HOW TO DO A BACK SQUAT – PROPER BACK SQUAT FORM
When performing a BACK squat, begin by setting up a barbell on a squat rack. The rack should be about an inch below your shoulder height. This will allow you to easily unrack and rack the barbell as you begin and finish your front squat. Hand position is critical for the front squat. Wrap your fingers lightly around the bar, do not squeeze too tightly. Step forward toward the bar, ducking underneath and allowing the bar to rest across your traps. In the back squat, your arms will remain on the bar, out to the sides about 6-8 inches from your ears. With the back squat do not allow your back to arch significantly or to round forward for proper back squat form.

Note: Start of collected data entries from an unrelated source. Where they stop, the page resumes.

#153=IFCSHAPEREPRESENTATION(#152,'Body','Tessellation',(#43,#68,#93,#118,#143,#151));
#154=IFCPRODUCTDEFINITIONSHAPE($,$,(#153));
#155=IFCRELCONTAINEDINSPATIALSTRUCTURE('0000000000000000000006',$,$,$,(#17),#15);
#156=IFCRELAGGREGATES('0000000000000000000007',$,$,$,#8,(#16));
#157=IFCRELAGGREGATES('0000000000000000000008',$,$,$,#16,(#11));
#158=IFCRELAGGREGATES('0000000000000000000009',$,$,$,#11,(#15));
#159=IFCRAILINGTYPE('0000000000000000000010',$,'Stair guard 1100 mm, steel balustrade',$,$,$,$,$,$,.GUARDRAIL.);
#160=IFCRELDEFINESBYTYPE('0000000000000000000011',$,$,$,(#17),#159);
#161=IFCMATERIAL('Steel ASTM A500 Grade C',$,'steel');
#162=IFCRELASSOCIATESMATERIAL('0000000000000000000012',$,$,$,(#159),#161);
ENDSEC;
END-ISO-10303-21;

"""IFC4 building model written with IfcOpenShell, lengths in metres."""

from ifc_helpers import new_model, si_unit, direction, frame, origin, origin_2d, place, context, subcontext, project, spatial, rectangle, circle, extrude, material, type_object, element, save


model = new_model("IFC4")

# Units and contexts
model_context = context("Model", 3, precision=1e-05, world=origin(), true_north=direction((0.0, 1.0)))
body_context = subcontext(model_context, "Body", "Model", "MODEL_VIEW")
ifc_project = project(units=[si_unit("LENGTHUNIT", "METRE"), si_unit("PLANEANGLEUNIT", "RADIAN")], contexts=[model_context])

With the back squat, your feet should be about shoulder width apart, toes slightly turned out and the majority of your weight should be pressing through your heels. Stabilize your core and then begin to lower yourself to the bottom position of the front squat, keeping your chest up, knees pressing slightly outward as you sit back into the back squat. The optimal depth for a back squat is slightly below parallel. As you return to the top of the front squat, maintain a tight core, keep your chest up and knees pressing gently outward. Drive through your heels keeping the toes light.
**Julie’s tip – If you have trouble knowing how far to sit i the back squat, use a bench that is about your knee height to act as a guide. When you glutes barely reach the bench, you will know you have reached full back squat depth and you can press back up to the top.